Yes, I look at 2 -- really, 2 different regions that we are focused on is Asia, and that continues to have very strong momentum. And again, our investments are relatively modest but you can make the statement it is the fastest parting geography in our business and it continues to be strong. And Europe, we continue to make progress, we continue to expand slowly and make sure that we have a footprint to be able to invest in the future. Again, the biggest challenge we have investing internationally is that there is so much investment to be had in North America and there is so much opportunity in North America that, that is still getting the lion’s share of our investment. But we want to make sure that we continue to invest in other areas so that we are set up for the long term.

Operator

Operator

Our next question comes from the line of Jeff Van Rhee with Craig-Hallum.

Jeff Van Rhee

Analyst · Craig-Hallum.

Just a couple left here.
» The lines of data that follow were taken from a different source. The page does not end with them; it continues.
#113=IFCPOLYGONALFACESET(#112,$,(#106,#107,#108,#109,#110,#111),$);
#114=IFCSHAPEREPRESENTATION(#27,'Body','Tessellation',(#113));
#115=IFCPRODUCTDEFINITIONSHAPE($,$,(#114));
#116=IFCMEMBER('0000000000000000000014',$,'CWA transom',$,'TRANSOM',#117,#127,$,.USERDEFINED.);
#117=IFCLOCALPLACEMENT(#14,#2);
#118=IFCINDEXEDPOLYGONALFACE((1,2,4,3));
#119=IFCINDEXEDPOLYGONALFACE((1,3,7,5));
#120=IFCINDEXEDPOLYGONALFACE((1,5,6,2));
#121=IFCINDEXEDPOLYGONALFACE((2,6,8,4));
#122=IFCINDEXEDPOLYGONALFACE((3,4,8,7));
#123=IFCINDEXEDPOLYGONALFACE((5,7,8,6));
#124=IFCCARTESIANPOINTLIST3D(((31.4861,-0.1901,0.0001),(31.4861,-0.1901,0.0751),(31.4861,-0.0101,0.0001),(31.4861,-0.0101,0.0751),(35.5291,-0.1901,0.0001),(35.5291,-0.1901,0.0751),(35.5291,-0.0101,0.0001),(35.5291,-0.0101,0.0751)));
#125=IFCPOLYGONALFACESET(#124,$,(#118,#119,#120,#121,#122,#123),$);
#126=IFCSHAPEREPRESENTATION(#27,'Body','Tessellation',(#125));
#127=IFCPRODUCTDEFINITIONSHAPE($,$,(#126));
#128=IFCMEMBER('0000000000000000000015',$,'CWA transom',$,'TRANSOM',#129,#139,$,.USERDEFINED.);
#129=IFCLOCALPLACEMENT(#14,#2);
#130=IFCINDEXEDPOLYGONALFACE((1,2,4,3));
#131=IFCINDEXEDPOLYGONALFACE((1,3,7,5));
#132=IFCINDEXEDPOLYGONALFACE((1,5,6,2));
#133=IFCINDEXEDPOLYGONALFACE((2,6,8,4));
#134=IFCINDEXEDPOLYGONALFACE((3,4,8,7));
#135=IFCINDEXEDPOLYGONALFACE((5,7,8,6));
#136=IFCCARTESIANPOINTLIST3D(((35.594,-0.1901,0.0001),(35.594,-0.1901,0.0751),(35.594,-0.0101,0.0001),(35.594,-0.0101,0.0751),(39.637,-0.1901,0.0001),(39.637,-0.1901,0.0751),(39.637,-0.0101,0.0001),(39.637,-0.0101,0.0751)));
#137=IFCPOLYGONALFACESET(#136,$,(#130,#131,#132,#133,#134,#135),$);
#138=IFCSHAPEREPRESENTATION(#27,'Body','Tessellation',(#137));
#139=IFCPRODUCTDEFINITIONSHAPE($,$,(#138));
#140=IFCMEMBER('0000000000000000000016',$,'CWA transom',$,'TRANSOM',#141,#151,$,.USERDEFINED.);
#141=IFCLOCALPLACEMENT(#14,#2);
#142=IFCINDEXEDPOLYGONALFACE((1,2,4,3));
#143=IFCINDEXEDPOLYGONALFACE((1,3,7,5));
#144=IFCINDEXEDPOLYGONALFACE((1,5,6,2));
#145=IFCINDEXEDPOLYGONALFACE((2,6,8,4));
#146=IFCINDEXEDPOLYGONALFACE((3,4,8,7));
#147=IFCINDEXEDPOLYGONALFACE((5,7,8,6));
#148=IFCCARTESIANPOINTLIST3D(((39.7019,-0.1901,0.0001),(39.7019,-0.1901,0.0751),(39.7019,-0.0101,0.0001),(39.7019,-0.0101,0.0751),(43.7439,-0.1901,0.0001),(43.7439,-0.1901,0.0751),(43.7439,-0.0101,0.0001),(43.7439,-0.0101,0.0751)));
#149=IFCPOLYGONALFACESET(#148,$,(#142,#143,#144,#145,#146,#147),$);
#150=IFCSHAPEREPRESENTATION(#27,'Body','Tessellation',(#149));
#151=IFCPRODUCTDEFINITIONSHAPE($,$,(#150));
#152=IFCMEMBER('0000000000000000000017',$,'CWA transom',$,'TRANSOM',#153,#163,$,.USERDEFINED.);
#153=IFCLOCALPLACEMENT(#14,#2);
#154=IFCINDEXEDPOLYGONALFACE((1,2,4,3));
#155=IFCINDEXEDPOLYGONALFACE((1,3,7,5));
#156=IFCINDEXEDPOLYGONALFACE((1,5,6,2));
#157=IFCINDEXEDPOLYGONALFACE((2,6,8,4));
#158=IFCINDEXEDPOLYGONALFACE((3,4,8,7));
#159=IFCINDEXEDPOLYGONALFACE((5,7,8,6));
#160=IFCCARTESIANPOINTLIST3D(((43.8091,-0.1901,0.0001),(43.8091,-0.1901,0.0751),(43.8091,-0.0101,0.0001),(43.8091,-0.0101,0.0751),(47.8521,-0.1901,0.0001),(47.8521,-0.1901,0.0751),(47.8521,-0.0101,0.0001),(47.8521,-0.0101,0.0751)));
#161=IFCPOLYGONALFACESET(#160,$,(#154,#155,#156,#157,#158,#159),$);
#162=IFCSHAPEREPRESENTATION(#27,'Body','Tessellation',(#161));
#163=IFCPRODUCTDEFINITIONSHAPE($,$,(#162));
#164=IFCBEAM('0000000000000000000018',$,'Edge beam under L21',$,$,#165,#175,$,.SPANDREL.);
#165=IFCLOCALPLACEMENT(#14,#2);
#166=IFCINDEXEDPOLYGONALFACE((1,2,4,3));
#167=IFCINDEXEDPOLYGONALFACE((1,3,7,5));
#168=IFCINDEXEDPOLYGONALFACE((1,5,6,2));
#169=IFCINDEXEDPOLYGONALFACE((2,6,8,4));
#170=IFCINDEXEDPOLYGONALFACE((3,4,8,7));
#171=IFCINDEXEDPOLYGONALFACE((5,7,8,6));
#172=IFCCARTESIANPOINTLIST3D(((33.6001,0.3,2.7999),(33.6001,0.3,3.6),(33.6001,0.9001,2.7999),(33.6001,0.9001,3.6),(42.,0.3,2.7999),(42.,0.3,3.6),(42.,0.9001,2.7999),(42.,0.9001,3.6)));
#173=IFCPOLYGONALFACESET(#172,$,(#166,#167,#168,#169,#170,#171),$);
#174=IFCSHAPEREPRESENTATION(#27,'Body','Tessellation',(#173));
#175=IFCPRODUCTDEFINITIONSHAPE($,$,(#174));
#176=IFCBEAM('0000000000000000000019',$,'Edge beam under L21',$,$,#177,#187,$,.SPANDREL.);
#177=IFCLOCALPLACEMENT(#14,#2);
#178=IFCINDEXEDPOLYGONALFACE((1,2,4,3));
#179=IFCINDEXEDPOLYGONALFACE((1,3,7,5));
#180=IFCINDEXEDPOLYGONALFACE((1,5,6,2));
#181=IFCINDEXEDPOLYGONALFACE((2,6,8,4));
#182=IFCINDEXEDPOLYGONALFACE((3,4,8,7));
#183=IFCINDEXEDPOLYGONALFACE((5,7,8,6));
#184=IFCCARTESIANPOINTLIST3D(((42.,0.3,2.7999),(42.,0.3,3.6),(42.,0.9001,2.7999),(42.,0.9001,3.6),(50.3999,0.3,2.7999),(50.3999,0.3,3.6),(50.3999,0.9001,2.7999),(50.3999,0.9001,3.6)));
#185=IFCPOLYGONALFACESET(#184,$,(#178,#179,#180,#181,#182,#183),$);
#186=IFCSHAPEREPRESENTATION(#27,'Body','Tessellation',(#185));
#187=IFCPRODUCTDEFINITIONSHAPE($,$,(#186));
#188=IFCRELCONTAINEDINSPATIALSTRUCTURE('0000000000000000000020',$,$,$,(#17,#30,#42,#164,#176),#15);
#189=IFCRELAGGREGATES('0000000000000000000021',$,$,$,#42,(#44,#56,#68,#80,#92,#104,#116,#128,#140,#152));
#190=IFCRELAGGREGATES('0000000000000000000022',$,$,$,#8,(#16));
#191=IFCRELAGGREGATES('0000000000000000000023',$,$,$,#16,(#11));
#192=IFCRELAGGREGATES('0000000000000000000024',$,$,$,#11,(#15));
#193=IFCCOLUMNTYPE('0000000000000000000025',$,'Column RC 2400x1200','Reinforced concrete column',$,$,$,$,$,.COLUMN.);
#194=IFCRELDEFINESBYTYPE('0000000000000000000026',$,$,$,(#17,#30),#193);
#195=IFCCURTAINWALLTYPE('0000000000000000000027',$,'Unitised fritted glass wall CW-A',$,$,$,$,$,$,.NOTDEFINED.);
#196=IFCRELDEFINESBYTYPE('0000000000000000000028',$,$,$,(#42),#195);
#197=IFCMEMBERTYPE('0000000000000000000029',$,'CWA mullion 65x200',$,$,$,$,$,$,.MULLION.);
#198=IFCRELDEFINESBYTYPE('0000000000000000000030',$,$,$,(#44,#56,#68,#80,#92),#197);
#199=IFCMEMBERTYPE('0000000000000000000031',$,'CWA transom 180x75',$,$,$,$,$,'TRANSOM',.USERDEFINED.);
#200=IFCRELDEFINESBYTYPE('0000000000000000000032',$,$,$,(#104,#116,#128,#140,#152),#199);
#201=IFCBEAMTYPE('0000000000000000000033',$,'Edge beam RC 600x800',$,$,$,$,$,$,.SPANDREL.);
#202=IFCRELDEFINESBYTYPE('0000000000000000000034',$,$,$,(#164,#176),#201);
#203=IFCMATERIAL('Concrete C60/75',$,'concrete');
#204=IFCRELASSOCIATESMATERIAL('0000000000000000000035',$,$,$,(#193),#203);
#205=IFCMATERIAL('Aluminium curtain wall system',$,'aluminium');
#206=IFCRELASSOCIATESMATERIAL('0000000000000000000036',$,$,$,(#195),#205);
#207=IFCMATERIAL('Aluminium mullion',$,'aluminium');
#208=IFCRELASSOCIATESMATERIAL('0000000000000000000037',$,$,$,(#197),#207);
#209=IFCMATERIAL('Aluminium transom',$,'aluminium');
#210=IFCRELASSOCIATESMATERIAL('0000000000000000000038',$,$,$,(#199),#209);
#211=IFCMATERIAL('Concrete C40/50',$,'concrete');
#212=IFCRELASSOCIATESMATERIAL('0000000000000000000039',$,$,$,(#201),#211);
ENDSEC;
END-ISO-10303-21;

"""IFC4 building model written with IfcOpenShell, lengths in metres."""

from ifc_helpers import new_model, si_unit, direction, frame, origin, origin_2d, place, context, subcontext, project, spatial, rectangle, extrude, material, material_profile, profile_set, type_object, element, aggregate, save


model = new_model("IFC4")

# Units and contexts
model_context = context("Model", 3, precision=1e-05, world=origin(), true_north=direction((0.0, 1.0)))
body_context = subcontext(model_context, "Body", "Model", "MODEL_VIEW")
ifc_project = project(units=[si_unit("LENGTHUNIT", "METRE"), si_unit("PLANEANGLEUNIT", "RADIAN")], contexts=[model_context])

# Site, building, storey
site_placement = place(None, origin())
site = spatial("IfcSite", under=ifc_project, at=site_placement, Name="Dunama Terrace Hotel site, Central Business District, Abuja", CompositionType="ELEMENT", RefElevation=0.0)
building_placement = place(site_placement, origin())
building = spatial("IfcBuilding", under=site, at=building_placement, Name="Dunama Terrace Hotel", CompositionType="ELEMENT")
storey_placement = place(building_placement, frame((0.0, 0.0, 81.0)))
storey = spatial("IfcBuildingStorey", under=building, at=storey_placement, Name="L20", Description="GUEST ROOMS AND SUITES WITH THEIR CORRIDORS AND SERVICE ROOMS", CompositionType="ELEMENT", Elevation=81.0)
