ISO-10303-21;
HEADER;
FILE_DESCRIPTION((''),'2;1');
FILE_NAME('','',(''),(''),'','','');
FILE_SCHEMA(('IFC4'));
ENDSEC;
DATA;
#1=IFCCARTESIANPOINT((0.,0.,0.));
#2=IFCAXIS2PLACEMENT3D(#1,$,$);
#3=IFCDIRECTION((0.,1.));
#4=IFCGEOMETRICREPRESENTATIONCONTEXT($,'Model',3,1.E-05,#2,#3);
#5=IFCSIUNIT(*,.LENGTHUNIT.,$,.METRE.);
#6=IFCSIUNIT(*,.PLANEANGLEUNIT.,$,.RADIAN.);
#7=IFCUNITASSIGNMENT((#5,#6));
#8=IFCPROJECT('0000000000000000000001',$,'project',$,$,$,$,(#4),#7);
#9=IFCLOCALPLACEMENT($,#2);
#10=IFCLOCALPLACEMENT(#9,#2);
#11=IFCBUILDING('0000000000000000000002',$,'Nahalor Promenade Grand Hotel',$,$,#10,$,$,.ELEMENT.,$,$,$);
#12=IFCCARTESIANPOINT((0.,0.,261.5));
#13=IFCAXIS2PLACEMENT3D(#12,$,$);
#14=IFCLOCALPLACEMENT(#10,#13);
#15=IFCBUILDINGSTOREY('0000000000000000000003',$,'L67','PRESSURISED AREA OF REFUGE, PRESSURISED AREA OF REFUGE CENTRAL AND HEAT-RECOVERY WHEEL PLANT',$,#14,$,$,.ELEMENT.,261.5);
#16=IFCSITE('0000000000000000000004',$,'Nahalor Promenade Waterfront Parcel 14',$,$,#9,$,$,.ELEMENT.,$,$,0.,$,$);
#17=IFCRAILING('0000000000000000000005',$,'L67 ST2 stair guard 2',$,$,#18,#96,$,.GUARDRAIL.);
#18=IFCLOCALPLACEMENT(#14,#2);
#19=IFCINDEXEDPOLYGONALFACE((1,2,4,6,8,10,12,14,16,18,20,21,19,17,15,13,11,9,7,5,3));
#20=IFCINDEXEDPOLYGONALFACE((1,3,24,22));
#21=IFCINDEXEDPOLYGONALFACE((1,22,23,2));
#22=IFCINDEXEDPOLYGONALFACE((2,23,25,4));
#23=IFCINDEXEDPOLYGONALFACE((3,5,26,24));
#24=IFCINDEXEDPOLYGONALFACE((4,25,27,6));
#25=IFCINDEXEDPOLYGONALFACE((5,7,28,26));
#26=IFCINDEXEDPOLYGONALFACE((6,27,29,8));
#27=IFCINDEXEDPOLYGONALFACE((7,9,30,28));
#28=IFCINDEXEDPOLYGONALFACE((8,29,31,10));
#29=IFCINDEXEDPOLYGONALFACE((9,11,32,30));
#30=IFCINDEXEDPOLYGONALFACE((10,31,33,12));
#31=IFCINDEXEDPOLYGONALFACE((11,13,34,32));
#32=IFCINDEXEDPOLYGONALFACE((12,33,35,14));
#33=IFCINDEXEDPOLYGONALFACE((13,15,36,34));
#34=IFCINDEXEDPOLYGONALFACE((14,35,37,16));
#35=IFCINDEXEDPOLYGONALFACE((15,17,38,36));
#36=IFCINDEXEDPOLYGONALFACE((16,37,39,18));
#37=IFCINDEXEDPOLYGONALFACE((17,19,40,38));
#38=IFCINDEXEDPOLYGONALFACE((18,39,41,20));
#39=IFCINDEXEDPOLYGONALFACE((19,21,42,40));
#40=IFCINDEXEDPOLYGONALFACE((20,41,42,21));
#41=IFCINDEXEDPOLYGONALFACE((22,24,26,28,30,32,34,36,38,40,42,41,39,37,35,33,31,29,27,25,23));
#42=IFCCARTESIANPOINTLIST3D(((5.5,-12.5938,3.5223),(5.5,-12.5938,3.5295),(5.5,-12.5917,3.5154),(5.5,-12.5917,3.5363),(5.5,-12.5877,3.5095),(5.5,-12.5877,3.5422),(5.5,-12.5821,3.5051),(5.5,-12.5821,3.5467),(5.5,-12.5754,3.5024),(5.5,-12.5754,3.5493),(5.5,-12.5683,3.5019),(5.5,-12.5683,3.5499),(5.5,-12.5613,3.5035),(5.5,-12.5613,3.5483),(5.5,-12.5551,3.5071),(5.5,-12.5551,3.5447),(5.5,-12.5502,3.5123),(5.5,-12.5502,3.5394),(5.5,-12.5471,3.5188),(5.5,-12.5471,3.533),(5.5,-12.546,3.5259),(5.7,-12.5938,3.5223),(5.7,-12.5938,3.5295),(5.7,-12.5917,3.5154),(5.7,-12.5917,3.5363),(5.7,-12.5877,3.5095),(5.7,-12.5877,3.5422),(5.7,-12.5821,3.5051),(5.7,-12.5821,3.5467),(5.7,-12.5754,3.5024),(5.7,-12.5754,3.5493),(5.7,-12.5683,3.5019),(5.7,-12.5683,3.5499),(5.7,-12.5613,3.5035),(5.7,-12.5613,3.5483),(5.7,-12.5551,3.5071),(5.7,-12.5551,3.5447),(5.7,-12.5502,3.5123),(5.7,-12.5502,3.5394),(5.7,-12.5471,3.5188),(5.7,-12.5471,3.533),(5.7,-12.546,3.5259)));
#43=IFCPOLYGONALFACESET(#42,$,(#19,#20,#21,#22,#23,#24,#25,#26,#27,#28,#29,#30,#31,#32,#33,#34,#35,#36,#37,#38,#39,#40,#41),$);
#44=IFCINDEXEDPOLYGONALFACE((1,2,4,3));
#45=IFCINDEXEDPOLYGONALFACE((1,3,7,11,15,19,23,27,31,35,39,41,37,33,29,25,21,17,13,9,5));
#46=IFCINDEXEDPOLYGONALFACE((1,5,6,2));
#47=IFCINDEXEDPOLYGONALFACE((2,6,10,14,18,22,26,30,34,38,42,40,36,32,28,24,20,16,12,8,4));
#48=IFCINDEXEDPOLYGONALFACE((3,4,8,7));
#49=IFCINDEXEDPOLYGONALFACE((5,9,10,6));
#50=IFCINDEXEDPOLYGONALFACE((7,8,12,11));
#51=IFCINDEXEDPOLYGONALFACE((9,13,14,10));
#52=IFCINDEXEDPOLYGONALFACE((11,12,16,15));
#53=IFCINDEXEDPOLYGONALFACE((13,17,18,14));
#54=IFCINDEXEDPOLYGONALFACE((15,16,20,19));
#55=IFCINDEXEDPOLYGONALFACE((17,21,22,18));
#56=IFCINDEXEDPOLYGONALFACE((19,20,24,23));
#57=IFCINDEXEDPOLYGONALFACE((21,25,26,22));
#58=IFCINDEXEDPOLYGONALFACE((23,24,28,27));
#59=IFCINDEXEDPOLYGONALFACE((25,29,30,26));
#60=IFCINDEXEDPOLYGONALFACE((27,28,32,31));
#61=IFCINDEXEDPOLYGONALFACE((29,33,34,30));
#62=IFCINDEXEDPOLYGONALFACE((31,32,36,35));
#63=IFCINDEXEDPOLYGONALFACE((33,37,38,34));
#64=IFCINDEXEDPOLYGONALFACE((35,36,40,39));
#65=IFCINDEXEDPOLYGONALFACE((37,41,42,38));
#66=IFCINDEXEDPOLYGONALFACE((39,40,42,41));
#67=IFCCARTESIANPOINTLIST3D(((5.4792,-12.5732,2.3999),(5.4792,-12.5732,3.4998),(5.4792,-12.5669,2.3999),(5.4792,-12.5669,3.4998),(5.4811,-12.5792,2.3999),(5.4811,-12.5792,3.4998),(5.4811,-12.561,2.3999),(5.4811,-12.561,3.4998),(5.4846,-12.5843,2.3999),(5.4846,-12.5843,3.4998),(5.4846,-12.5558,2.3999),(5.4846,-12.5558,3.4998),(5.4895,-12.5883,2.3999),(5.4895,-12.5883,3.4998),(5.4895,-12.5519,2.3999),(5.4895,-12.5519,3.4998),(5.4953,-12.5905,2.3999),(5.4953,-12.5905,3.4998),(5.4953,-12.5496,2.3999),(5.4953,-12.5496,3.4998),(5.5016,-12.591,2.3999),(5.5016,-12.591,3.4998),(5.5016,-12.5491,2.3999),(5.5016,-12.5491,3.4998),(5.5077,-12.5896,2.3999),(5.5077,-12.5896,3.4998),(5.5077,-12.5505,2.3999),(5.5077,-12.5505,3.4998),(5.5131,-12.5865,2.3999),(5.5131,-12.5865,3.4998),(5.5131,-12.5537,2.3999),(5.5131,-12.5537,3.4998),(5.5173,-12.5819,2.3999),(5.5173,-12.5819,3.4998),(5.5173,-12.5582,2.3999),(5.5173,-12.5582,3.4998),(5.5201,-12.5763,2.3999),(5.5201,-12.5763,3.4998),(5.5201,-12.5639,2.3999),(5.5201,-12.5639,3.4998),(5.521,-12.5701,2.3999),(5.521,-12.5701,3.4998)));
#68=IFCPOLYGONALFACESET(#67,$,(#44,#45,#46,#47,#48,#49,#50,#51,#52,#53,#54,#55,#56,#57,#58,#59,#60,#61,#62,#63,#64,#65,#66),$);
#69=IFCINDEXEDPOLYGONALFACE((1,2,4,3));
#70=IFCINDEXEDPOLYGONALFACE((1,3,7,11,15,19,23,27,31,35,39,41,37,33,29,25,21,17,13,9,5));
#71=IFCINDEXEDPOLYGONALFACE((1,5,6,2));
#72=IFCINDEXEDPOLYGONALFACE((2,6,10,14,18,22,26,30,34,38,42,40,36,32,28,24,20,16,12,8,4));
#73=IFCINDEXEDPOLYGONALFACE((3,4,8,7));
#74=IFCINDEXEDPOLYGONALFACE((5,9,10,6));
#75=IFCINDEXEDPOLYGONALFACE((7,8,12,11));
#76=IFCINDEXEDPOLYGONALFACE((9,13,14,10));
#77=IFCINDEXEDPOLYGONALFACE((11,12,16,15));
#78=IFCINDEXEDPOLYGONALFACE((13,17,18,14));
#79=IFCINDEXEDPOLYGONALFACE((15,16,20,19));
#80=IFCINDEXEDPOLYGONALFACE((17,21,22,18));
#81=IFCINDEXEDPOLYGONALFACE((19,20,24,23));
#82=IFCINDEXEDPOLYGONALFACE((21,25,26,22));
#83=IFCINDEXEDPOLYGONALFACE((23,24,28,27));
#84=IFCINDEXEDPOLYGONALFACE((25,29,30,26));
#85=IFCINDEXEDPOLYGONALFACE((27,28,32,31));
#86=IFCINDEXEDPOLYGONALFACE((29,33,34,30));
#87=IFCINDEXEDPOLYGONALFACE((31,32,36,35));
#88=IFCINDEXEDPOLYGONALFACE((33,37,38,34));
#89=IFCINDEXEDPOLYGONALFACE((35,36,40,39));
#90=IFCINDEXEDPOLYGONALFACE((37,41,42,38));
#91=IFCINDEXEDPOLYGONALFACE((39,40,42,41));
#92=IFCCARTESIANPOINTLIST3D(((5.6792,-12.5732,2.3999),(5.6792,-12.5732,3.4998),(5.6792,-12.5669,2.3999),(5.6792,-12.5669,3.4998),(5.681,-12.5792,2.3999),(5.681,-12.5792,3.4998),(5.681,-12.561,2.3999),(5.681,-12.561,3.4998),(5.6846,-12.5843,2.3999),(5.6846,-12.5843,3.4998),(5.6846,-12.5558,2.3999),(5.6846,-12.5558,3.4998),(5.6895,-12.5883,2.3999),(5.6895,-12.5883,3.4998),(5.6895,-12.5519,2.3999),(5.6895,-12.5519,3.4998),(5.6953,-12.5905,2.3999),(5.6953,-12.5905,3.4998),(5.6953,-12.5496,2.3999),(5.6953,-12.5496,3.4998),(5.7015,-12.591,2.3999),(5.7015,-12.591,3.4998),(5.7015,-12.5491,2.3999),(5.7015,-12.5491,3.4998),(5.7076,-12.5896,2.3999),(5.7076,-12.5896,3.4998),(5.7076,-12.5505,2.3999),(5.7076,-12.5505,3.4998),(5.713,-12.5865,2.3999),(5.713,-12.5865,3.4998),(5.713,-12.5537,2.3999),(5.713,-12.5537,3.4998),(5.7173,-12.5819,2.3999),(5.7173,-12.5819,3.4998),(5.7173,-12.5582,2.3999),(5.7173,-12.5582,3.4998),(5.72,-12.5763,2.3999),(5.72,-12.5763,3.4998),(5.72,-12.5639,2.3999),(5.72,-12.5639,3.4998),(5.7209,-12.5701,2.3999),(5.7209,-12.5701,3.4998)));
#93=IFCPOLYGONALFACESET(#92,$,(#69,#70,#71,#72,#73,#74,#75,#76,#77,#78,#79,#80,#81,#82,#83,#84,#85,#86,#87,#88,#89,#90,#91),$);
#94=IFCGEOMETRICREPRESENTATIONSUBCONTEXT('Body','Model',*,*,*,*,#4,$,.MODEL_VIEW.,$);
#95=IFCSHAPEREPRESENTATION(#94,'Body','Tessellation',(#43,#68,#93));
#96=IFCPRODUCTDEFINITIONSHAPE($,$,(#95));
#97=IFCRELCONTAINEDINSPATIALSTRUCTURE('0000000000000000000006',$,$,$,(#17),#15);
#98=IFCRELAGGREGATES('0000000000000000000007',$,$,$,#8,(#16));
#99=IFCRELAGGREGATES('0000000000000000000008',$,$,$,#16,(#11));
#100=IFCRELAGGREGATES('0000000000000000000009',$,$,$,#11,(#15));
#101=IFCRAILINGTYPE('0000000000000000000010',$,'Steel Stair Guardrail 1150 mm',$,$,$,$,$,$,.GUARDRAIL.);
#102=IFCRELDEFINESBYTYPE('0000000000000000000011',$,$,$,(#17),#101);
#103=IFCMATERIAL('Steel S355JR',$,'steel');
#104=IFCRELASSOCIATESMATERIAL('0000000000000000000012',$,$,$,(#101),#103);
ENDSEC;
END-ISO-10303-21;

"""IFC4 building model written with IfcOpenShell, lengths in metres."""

from ifc_helpers import new_model, si_unit, direction, frame, origin, origin_2d, place, context, subcontext, project, spatial, circle, extrude, material, type_object, element, save


model = new_model("IFC4")

# Units and contexts
model_context = context("Model", 3, precision=1e-05, world=origin(), true_north=direction((0.0, 1.0)))
body_context = subcontext(model_context, "Body", "Model", "MODEL_VIEW")
ifc_project = project(units=[si_unit("LENGTHUNIT", "METRE"), si_unit("PLANEANGLEUNIT", "RADIAN")], contexts=[model_context])

# Site, building, storey
site_placement = place(None, origin())
site = spatial("IfcSite", under=ifc_project, at=site_placement, Name="Nahalor Promenade Waterfront Parcel 14", CompositionType="ELEMENT", RefElevation=0.0)
building_placement = place(site_placement, origin())
building = spatial("IfcBuilding", under=site, at=building_placement, Name="Nahalor Promenade Grand Hotel", CompositionType="ELEMENT")
storey_placement = place(building_placement, frame((0.0, 0.0, 261.5)))
storey = spatial("IfcBuildingStorey", under=building, at=storey_placement, Name="L67", Description="PRESSURISED AREA OF REFUGE, PRESSURISED AREA OF REFUGE CENTRAL AND HEAT-RECOVERY WHEEL PLANT", CompositionType="ELEMENT", Elevation=261.5)

# Shared definitions
ifc_material_1 = material(Name="Steel S355JR", Category="steel")

# Railing
railing_type_1 = type_object("IfcRailingType", Name="Steel Stair Guardrail 1150 mm", PredefinedType="GUARDRAIL", material=ifc_material_1)
railing_1_placement = place(storey_placement, frame((5.5, -12.5701, 2.3999)))
element("IfcRailing", 1, at=railing_1_placement, inside=storey, type_object=railing_type_1, Name="L67 ST2 stair guard 2", PredefinedType="GUARDRAIL", context=body_context, shape_type="SweptSolid", body=[
    extrude(circle(Radius=0.024, at=origin_2d()), frame((0.0, 0.0, 1.126), z_axis=(1.0, 0.0, 0.0), x_axis=(0.0, 1.0, 0.0)), (0.0, 0.0, 1.0), 0.2),
    extrude(circle(Radius=0.021, at=origin_2d()), origin(), (0.0, 0.0, 1.0), 1.0999),
    extrude(circle(Radius=0.021, at=origin_2d()), frame((0.2, 0.0, 0.0)), (0.0, 0.0, 1.0), 1.0999),
])

save(model, "model.ifc")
In terms of the Edifice and what you’ve learned, what have you found that the Edifice base is using on the EDI side?

Archie Black

Analyst · Craig-Hallum.

Well because it is larger customers, for the most part they are using installed software. They do it do it yourself. They’ve typically been at EDI for a long period of time before there were really SAS solutions. So they built out a software system and internal resources.

Jeff Van Rhee

Analyst · Craig-Hallum.

And just one follow-on there before I move on. In terms of the Edifice and now that you’ve had a little bit of a chance to look at exactly what’s going on inside, what’s been the area of the greatest surprise pro or con?

Archie Black

Analyst · Craig-Hallum.

I think two things. One, I think the skill-set of the Edifice team, I’m very, very impressed with them. More impressed as we’ve worked together with the Edifice team. And I guess how passionate their customers are about point-of-sales and how important and strategic it is to their business and how they are driving retailers to share more point-of-sales data and it is part of their roadmap and it is very, very strategic for them.

Jeff Van Rhee

Analyst · Craig-Hallum.

And then just lastly on the sales front. Where did you end on quota reps? How many were Edifice adds and how many native?

Kimberly Nelson

Analyst · Craig-Hallum.

Sure, we ended the quarter with 150 sales people. That’s up from 133 last quarter. Of the 150, 5 were Edifice.

Operator

Operator

[Operator Instructions] I’m showing no questions. I’ll turn it back to management for closing remarks.

Archie Black

Analyst

Again, thank you very much for attending today and look forward to talking to you all in the future.

Operator

Operator

Ladies and gentlemen this does conclude your conference. You all may disconnect and have a good day.